10616 Views 31 Replies 9 Participants Last post by  Sanctum38
i haven't seen anyone else on here who uses this, so im wondering if a few of you are hiding? I'd love to compare recipes and diffusion methods with tank size and results since most of this information is buried elsewhere and it took me forever to find where to start.

I believe the concept behind it is limiting the rate at which the yeast consumes sugar while providing nutrients (the jello mix protein) to the yeast, at the same time as it consumes the jello the alcohol content remains rather constant since the sugar is locked in with water, The batch ends after it processes the last of the jello and the last of the sugars is consumed. If it ends prematurely you can refresh it by emptying half of the water out, mixing water (at the temp the yeast recommends) + yeast (slightly reduced so it doesn't end prematurely again)
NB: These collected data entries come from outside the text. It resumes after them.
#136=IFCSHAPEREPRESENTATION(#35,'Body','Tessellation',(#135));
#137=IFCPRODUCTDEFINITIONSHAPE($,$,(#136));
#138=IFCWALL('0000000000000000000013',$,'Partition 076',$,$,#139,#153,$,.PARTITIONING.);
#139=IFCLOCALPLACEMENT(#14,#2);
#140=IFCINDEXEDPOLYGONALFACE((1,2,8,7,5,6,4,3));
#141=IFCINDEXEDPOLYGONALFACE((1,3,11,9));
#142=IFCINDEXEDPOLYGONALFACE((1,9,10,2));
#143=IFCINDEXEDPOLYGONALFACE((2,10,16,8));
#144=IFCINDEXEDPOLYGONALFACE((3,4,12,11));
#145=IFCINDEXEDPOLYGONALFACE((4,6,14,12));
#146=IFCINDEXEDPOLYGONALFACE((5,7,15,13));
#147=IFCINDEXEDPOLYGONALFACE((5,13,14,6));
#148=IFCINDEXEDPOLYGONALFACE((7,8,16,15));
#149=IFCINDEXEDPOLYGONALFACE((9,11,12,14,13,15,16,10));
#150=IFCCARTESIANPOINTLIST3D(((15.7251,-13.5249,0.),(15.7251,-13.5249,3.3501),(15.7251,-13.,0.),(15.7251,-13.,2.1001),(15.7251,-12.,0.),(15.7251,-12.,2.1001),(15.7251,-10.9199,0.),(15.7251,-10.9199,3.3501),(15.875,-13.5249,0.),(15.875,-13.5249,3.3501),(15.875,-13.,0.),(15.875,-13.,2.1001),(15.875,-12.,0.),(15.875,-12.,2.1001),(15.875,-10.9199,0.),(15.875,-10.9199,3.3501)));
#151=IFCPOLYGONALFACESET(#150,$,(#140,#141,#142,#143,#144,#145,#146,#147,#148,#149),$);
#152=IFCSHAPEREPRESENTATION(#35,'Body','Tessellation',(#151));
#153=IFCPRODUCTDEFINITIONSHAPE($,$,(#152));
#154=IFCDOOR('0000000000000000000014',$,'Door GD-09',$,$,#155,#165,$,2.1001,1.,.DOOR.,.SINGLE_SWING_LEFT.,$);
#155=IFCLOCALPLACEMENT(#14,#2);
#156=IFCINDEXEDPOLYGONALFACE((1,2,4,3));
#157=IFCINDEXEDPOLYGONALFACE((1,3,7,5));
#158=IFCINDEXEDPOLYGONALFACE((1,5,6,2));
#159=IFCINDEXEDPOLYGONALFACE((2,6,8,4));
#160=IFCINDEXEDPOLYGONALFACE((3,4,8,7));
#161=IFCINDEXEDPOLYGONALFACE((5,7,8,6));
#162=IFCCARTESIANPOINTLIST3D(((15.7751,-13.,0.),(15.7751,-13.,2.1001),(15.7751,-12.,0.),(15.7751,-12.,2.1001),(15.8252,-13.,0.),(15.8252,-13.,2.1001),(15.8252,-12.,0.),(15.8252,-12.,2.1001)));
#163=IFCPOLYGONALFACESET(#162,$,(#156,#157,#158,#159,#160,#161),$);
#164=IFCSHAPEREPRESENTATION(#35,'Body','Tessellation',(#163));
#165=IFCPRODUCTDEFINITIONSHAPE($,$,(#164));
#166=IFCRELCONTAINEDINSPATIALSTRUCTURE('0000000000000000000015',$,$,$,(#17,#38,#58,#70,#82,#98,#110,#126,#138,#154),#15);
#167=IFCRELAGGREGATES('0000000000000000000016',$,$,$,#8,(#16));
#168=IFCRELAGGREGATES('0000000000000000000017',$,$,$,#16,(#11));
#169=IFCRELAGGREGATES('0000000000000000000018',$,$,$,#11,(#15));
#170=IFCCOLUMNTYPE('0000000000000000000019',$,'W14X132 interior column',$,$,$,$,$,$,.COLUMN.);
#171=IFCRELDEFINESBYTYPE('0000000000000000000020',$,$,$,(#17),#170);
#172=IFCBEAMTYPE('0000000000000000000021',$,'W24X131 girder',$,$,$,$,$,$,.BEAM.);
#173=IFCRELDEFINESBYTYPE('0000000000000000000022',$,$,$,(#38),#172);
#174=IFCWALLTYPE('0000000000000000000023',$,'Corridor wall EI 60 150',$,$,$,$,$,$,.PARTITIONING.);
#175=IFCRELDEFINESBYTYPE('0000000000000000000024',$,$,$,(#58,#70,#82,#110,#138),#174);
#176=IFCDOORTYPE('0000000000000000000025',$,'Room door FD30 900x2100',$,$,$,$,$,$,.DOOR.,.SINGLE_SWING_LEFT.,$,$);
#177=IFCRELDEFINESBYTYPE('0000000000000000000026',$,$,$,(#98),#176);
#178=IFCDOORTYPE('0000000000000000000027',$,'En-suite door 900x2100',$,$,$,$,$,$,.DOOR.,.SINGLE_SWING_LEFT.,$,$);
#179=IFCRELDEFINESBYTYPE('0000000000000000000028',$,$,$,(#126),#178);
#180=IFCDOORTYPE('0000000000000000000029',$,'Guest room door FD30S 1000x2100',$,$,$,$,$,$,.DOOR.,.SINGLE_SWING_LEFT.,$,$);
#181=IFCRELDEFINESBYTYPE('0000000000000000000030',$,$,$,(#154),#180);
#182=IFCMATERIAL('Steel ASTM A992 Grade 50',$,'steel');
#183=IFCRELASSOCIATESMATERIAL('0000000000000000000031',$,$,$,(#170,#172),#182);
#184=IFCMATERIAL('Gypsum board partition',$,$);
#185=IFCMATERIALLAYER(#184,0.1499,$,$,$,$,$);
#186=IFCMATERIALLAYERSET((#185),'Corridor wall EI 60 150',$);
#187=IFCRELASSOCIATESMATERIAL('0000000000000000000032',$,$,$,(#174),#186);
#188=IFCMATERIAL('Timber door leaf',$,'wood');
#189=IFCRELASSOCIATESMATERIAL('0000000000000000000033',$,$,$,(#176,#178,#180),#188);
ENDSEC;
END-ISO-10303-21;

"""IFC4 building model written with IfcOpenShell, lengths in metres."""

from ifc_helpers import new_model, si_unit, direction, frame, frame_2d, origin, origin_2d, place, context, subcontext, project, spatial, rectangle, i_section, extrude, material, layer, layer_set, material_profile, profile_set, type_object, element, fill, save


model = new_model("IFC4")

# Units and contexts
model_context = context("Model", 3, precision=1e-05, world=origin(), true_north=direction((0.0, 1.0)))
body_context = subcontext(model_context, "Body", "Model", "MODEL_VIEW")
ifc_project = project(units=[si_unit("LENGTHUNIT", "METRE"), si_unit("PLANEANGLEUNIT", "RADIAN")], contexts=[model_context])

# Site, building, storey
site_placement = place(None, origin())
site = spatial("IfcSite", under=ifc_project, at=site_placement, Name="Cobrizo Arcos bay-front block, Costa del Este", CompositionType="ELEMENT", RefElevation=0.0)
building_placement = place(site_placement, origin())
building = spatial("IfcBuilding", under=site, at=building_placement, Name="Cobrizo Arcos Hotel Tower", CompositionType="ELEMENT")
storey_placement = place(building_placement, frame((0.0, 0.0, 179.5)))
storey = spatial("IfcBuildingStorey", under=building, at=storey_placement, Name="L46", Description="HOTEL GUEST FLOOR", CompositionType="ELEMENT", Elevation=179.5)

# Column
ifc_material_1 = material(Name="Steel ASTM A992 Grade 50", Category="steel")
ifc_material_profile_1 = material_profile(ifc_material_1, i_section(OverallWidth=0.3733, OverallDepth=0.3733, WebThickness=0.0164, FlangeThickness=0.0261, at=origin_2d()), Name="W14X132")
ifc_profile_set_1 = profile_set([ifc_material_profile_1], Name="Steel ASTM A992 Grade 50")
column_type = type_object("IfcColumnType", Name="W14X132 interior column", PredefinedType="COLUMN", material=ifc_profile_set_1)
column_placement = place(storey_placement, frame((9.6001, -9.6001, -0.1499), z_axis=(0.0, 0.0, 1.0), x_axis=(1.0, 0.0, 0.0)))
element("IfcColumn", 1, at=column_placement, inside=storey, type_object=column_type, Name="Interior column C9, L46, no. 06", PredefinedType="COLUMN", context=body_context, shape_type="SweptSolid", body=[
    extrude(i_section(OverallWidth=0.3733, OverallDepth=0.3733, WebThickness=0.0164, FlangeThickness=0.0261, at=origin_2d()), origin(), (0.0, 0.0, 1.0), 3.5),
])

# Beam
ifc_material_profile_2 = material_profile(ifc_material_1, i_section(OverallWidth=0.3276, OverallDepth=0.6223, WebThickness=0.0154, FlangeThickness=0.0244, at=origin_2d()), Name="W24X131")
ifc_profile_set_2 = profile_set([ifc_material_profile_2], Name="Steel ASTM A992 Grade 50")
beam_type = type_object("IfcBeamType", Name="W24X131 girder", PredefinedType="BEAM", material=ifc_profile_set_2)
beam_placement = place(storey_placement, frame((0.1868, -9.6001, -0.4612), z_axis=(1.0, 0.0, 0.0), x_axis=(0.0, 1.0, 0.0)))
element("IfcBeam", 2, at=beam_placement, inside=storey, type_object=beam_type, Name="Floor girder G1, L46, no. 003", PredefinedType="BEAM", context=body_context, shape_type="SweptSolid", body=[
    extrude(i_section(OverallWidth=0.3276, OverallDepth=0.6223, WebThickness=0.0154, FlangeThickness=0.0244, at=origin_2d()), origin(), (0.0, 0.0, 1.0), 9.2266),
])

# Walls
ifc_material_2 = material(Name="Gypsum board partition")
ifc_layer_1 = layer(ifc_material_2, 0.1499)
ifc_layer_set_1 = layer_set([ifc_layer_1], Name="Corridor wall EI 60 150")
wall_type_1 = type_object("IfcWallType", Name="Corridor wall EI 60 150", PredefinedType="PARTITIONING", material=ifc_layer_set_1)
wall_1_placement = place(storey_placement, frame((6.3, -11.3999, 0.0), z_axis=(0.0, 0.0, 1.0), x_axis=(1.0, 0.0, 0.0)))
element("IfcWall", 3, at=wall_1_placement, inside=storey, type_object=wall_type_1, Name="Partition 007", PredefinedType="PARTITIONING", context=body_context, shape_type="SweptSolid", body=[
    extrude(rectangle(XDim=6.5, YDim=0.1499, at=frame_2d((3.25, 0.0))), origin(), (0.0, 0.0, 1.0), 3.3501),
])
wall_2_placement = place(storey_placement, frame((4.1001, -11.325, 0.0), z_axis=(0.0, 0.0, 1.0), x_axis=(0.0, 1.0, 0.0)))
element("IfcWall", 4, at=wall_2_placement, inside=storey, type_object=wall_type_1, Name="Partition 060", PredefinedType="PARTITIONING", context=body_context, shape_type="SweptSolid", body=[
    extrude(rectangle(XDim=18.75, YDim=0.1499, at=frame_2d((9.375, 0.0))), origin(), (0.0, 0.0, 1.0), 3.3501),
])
First batch: (2 month duration)
3L Canola oil Jug
4 boxes of jello w/ 4 cups of sugar added
Mix and Congeal overnight in fridge

1 cup of warm water (40C) + 1 tsp of Champagne yeast

Diffusion is airline cable cut at a 45 degree next to the top of my xp1 intake, the suction is just enough to pull at the surface tension so the filter takes in smaller bubbles. Goes steady stream for about 60 seconds, then pauses 20-25 seconds. Tank is sitting at 35 ppm Co2 when lights come on. Upset fish, agitation and night aeration was required.

Second batch: (2 days duration) - Scrapped Batch due to poor congealing and yeast not activating
3L Canola Oil Jug
4 Boxes of Jello w/ 3 cups of sugar added
Mix and congeal overnight in fridge *make sure fridge temp is cold enough!*

1 cup warm water (40C) + 1/2 tsp of champagne yeast

Diffusion has changed to Venturi on outtake into a spray bar aligned vertically. Dissolves nicely in the water and bubbles help give visual indication of batch output (compared to intake through filter diffusion)

Third batch: (3 month duration during warm summer months)
3L Canola Oil Jug
4 Boxes of Jello w/ 3 1/3 cups of sugar added
Mix and congeal overnight in fridge

1 cup warm water (40C) + 3/4 tsp of champagne yeast

Diffusion has changed to Venturi on outtake into a spray bar aligned vertically.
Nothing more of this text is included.